Re: Development cost. I think we probably just have different perceptions on what that cost will be. I'm happy to disagree with you here, but I think we'll talk around the lack of any facts here. (Read: I have nothing I can present to concretely prove my point or disprove yours so I'm abandoning that line and will take your point as given as much as I feel mine (should be?) is :D)

I would however still argue that its the perception of piracy and those costs rather than any reality of it.

In regards to the idea of time-limited DRM. The argument here is what does that ultimately give Nintendo? The device is EOL and from their point of view the goodwill of the small community of us who like poking around the devices isn't worth even the relatively small amounts of effort to implement that model of DRM. Especially when Homebrew development happens within a console lifetime to begin with.

Essentially, the work hours for homebrew is bought and paid for by these folk here.
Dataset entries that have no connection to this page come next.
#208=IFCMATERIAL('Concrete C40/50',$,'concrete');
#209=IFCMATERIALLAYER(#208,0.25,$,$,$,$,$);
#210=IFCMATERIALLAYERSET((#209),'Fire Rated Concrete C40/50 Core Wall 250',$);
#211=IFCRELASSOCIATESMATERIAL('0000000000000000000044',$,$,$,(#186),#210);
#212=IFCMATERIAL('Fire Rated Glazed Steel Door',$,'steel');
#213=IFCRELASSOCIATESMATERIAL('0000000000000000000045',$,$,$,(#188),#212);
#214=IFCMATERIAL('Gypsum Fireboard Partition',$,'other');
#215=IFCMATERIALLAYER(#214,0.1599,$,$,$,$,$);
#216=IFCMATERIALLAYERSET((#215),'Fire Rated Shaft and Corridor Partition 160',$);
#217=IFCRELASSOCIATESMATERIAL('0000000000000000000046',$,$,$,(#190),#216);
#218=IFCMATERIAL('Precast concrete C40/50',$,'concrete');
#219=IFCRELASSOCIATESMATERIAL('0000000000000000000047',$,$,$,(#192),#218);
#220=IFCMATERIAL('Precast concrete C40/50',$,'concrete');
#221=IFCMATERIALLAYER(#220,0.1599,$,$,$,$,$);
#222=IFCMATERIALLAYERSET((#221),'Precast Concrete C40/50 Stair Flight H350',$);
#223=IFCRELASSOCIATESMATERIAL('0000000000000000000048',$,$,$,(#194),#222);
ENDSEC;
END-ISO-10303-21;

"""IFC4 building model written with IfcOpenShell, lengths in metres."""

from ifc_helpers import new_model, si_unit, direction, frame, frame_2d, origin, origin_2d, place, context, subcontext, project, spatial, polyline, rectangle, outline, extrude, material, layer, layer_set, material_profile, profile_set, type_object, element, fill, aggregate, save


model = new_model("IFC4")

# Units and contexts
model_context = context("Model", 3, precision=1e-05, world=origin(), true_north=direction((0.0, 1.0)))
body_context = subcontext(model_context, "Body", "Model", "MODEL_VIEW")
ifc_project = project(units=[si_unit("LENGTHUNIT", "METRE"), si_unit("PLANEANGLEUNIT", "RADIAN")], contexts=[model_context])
Nintendo has to do nothing and they get that Homebrew warm-fuzzies from a small group of folks.

However the perceptual loss of faith from someone like EA would cause a huge and immediate impact to the life-cycle of in the In-life console. (Think of the Polygon,IGN and other articles that would come out if EA so much as sniffed at the idea of the Switch being to much of a piracy-risk)

So no, I don't think there is more to it than a perception. Which sadly I think is overweighted in the argument. But already in this post, there are some weird equivalencies between user features and OS security being made which has a lot of value for people (not saying they're wrong in their valuations, just maybe the placement) so perception counts an awful lot for a lot of folks.
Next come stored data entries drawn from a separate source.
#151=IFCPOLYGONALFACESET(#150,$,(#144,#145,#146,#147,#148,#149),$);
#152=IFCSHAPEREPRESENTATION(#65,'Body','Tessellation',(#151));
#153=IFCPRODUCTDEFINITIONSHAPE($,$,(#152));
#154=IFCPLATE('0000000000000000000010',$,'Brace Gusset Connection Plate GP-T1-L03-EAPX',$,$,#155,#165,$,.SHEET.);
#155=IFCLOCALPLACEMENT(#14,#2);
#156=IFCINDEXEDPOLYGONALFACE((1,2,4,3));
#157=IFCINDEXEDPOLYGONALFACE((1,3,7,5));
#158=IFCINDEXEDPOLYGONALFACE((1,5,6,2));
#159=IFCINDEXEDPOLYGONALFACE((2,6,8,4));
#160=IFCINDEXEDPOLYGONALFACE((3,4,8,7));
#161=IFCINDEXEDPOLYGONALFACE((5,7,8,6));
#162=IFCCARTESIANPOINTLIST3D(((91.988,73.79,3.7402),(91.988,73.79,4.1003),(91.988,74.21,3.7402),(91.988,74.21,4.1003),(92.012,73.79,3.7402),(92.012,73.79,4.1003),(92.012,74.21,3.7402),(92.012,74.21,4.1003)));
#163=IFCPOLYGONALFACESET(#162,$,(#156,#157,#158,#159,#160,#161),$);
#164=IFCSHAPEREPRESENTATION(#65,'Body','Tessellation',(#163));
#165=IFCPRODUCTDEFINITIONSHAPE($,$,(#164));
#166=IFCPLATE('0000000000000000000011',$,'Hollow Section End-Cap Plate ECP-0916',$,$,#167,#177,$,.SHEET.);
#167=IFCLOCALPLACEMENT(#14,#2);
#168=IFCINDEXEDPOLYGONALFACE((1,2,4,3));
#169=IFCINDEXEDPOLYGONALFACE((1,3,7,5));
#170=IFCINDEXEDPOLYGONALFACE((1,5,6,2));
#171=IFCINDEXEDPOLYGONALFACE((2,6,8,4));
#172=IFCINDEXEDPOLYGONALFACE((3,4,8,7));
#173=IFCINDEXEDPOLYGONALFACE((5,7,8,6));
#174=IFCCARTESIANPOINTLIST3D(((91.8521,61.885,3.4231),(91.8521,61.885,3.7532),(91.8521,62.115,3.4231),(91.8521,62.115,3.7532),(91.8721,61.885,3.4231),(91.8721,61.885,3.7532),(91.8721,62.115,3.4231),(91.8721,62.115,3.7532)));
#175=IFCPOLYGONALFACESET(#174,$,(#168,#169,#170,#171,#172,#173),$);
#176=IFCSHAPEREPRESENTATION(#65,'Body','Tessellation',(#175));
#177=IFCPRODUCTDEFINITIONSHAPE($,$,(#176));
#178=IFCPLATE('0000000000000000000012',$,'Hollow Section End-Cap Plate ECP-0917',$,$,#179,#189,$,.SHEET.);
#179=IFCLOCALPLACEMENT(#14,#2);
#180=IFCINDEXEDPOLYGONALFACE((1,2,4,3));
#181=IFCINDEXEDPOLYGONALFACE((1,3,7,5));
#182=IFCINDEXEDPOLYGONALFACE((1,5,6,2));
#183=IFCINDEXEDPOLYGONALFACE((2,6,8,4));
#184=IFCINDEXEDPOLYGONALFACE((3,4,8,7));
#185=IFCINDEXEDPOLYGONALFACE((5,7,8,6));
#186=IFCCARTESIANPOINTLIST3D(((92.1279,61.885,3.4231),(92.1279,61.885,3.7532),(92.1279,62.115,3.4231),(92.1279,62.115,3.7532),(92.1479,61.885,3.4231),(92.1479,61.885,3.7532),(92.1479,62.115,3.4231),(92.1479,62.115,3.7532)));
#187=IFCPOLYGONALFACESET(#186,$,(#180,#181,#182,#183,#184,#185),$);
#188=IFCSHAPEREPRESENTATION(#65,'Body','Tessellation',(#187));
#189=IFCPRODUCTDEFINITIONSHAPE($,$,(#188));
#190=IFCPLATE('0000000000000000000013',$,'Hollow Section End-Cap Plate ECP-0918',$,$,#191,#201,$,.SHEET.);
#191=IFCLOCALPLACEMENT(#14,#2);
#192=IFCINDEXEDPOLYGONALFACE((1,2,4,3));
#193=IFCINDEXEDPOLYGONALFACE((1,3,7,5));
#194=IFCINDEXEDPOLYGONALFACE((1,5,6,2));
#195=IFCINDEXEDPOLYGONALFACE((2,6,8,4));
Agreed. I guess the core of the question is 'what does that ultimately give nintendo?'.

And that's where I think the government needs to step in as it did with copyright and patents, and ask an additional question: 'what does that ultimately give to society?'. The answer is decreased environmental impact and decreased cost of living. The console manufacturers are passing on costs to consumers that consumers shouldn't have to bear - and don't have to bear when it comes to patents and copyrights. Imagine if patents were perpetual like DRM is and rocket engine technology would forever belong to a single manufacturer with the license..?

Totally agree, but the chance of that happening is pretty low. There isn't perceived to be a problem in that area at the moment that Governments worldwide really need to fix.

To the copyright point. Standard copyright will still apply to all the works produced (which is what, 75 years after last publication) but considering that Video games as a somewhat mainstream endeavor is only at absolute best 40-50 years old, were unlikely to get a test of that any time soon, and thats before republication through virtual console and GOG may actually constitute a refresh on the copyright period.

I think its more likely that consumer pressure to do an ID style of things whereby they opensource their older stuff is the likely fix to our problems.

There's increased development costs on multiple fronts.

Common AAA engines don't support multiple platforms seamlessly, each platform has it's own input devices, asset formats, etc. that need to be supported.

When I worked on a team using the Wii U's Unity3D environment, Wii U builds required a special version of Unity3D, obviously needed to support the specialized form factor of the Wii U's input devices (I'm sure Nintendo has new guidelines on what each game has to support when Joycons are attached and detached). There were even guidelines on how the home button was handled across platforms or how long you could spend loading assets.

Not to mention many large AAA studios are using their own engines (Nintendo had a third tier of development tools reserved for them, that allowed native access and did nothing to support cross platform development) that aren't built to support the Switch without an investment that's greater than on the fairly similar Xbox and PS4.